В зале были попрежнему расставлены пульты, лежали стопки нот. Не раз понапрасну собирались певчие и оркестранты. Глинка тщетно ожидал солистов. Однажды, когда никто из них не явился, Глинка подозвал слугу.

– Вот что, Яков, – с музыкантами разочтись и отпусти.

– Может быть, на завтра их заказать? – посочувствовал Яков.

– Не надо! Не видишь, бестолковый, что разбежались мои приятели?

– А я Михаил Иванович, и то дивился, как иные господа усердствовали. Ретивее наемных были. Да отчего и не поблажить в летнее время?

– Ну, ступай, ступай!

Глинка отправил Якова, стал молча расхаживать по залу. Подвели, окончательно подвели господа будущие камергеры!

А на Черной речке все еще покачиваются у берегов гордые катеры непобедимой армады. Но кропят ту армаду только унылые осенние дожди. Все еще вспоминают, поди, крепостные люди в Марьине, как явился на барской сцене удивительный цирюльник… Но попрежнему учат в Марьинской школе управителей и камердинеров, а прошедших науку бойко продают с немалым барышом.

Глава девятая

По просторной зале в доме купца Пискарева ходит одинокий титулярный советник, клянет великосветских аматёров и… кажется, сызнова мечтает.
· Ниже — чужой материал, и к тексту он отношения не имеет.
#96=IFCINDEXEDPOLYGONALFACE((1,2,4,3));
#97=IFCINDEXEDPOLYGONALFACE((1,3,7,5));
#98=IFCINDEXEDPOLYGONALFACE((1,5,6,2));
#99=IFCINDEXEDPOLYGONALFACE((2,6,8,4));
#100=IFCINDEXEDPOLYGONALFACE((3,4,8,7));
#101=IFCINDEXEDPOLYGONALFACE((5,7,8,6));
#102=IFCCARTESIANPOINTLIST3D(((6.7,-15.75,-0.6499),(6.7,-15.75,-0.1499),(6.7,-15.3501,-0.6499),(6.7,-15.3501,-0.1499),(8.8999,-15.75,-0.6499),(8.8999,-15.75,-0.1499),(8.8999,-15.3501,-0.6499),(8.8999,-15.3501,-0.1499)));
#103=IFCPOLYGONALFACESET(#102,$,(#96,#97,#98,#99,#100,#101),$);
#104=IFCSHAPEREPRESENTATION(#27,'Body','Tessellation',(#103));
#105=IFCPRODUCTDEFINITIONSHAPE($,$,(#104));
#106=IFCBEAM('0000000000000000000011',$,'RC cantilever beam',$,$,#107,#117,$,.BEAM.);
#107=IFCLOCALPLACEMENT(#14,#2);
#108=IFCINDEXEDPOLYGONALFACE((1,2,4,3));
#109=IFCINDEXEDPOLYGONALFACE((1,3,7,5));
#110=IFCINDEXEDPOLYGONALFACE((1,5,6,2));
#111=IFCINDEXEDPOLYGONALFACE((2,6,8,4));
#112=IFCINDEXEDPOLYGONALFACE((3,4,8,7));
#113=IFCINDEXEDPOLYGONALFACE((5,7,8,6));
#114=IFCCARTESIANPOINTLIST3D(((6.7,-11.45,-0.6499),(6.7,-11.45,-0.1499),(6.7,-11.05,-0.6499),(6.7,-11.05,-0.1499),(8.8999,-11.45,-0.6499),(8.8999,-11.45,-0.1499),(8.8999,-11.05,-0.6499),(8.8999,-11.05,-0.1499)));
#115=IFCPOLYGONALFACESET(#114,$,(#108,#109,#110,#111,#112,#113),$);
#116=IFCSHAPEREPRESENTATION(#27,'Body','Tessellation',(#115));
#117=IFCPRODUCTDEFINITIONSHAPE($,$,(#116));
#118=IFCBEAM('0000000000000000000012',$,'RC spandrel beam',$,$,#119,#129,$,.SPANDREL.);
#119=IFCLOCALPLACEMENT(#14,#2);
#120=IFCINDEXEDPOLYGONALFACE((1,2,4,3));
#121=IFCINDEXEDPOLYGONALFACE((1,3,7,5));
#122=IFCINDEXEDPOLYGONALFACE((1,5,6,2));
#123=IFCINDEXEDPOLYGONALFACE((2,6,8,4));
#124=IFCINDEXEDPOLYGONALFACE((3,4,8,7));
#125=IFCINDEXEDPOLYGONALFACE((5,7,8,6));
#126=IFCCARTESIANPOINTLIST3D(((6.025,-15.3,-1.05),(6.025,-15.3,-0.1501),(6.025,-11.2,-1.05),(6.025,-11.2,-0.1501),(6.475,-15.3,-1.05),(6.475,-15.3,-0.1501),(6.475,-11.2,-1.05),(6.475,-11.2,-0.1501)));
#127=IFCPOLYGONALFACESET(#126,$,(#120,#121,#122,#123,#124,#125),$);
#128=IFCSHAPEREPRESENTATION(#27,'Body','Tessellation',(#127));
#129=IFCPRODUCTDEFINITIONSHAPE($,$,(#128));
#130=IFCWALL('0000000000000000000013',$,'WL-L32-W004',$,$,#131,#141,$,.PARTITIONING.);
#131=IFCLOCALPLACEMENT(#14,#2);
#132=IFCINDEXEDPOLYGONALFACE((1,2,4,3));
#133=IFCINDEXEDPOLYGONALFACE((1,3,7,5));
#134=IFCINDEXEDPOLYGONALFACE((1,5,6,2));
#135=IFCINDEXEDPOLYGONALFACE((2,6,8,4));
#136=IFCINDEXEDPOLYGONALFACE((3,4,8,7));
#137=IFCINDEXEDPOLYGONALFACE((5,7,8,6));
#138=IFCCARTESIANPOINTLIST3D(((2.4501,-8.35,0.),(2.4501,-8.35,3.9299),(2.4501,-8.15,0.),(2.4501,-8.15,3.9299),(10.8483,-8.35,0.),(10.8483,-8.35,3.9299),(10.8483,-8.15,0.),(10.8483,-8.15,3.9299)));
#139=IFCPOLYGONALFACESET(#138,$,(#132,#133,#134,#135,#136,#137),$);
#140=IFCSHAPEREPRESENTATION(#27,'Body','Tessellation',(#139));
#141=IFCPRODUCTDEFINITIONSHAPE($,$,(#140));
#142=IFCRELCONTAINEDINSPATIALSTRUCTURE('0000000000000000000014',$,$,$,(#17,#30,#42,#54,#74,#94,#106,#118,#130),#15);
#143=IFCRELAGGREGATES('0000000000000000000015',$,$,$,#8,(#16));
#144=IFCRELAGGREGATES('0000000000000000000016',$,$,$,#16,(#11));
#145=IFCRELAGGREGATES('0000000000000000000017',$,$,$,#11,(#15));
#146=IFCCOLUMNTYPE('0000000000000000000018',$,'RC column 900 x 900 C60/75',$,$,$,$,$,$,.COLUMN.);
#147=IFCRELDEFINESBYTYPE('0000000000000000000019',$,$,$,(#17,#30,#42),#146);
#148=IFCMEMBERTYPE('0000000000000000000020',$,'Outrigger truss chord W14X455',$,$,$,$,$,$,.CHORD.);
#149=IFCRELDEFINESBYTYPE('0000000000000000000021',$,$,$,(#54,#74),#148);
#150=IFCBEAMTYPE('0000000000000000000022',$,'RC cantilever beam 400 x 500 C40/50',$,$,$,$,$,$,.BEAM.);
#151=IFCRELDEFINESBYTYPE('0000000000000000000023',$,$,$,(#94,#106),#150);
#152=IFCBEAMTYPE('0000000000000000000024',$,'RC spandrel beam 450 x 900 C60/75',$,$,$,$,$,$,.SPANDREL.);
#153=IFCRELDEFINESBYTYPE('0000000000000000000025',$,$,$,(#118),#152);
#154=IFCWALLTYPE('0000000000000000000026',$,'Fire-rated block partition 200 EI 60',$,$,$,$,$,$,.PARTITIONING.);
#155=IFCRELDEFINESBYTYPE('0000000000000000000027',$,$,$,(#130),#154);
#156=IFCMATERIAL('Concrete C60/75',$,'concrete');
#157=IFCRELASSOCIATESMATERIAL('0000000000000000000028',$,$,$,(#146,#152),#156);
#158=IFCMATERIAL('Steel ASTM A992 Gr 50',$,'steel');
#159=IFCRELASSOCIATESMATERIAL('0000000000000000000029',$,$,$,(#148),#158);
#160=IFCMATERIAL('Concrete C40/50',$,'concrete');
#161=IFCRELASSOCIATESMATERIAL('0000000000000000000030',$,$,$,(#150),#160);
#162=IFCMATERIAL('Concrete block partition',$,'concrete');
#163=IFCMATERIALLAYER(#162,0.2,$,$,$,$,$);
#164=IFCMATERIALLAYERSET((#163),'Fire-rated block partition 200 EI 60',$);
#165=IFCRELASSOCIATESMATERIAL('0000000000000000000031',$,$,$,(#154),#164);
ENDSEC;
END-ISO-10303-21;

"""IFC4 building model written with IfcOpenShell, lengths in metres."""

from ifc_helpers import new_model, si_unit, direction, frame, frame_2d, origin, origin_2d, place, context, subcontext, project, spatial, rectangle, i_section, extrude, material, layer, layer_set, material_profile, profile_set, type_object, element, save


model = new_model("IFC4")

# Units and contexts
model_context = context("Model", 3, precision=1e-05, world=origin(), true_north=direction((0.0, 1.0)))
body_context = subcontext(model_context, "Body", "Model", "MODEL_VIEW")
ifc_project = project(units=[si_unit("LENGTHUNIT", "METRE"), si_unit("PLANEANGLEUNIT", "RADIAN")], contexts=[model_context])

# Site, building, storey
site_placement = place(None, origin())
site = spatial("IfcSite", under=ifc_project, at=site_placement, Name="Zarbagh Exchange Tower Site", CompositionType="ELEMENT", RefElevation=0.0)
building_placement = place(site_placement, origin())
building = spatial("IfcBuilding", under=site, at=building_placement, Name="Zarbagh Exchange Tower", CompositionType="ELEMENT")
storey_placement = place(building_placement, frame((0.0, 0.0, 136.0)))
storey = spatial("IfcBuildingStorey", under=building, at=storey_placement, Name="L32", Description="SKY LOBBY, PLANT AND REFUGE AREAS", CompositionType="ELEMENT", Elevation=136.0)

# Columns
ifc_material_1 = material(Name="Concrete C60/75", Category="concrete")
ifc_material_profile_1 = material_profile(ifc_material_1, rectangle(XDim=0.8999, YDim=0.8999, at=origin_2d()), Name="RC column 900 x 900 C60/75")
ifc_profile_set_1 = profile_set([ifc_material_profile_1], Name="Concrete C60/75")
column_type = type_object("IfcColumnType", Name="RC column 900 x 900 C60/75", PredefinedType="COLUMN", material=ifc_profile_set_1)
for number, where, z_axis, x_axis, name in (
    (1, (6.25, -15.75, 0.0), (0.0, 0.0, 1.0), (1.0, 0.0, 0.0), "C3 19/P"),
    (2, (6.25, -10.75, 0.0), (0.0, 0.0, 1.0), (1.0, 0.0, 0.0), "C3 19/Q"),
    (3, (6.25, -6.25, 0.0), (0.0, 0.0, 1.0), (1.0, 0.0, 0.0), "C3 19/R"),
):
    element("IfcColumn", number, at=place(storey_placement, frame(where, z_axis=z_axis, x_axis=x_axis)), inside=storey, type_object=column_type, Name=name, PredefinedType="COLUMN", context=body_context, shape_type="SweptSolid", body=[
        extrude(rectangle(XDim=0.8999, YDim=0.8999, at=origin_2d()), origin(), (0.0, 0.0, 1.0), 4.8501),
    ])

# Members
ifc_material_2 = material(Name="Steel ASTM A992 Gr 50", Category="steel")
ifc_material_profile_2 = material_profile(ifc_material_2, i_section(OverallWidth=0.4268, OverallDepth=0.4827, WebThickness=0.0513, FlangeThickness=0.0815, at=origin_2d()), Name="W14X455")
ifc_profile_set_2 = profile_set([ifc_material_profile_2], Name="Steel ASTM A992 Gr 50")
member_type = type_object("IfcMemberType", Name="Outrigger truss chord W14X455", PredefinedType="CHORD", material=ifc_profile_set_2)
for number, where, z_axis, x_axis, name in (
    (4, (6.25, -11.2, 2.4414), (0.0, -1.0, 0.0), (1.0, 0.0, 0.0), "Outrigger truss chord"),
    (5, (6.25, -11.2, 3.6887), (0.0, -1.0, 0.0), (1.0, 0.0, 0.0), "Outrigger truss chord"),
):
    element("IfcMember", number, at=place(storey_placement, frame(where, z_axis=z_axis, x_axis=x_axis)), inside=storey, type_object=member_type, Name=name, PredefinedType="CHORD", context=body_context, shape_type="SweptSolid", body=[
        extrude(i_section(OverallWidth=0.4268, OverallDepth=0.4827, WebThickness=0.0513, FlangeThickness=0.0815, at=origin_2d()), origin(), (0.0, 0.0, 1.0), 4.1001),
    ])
Да мало ли титулярных советников занимается в свободные от должности часы проектами по части поэтической или музыкальной?

Однако бдит над титулярными советниками начальство и ни одному не даст спуска. Сам первоприсутствующий граф Сиверс старается спасти своего помощника секретаря.

– Я знаю все, – сказал Глинке граф, вызвав его в служебный кабинет. – Я готов простить молодости ее легкомыслие… я на многое готов, но я хочу видеть хотя бы тень раскаяния…

Глинка слушал графа, ничего не понимая.

– Господин Майер объяснил мне все, – решился наконец Егор Карлович. – Сочиняйте вашу музыку, кому она может помешать… Но если вы, – граф Сиверс слегка постучал сухим пальцем о стол, – если вы становитесь богоборцем и отвергаете классическую форму, то я, ваш начальник и, смею думать, друг, должен остановить вас раньше, чем вы совершите прыжок в бездну… Что? – неожиданно спросил Егор Карлович, сам потрясенный нарисованной картиной.

– Уверяю вас, ваше сиятельство, – отвечал Глинка официальным тоном, – я никуда не собираюсь прыгать.

– Значит ли это, что господин Майер ошибся, рассказывая мне о ваших композициях, или, может быть, я неточно его понял? – Егор Карлович смотрел на кающегося грешника выжидательно.

– Ни то, ни другое, Егор Карлович! Я свято ценю классическую форму, как то подобает каждому образованному музыканту…

– Вы все-таки примерный молодой человек! – просветлел граф.

– Но признаюсь вам, когда мне хочется испробовать свои силы в сочинении музыки…

– Тогда? – опять насторожился Егор Карлович.

– Тогда я считаю недостойным слепо подражать великим музыкантам. Это было бы неуважением к ним. И я пробую идти своим путем. Не смею сравнивать себя с великими творцами прошлого, но ведь и они, прежде чем стать классиками, были бунтарями, обгоняя свое время.

Первоприсутствующий граф Сиверс задумался, пока не нашел выход из затруднительного положения.

– В конце концов, – сказал он, – мне нет дела до ваших партикулярных занятий. Но я хочу быть уверенным, что завтра вы примете участие в нашем домашнем квинтете. Начнем ровно в семь часов.

По всей вероятности Глинка и поехал бы к Сиверсам, если бы не было назначено у него занятие с певчим Ивановым. Ведь вбил же себе в голову неугомонный музыкант, что невзрачному певчему суждено прославить русское искусство. Но для этого Иванову надобно было стать артистом-творцом. И здесь Глинка нередко чувствовал свое бессилие.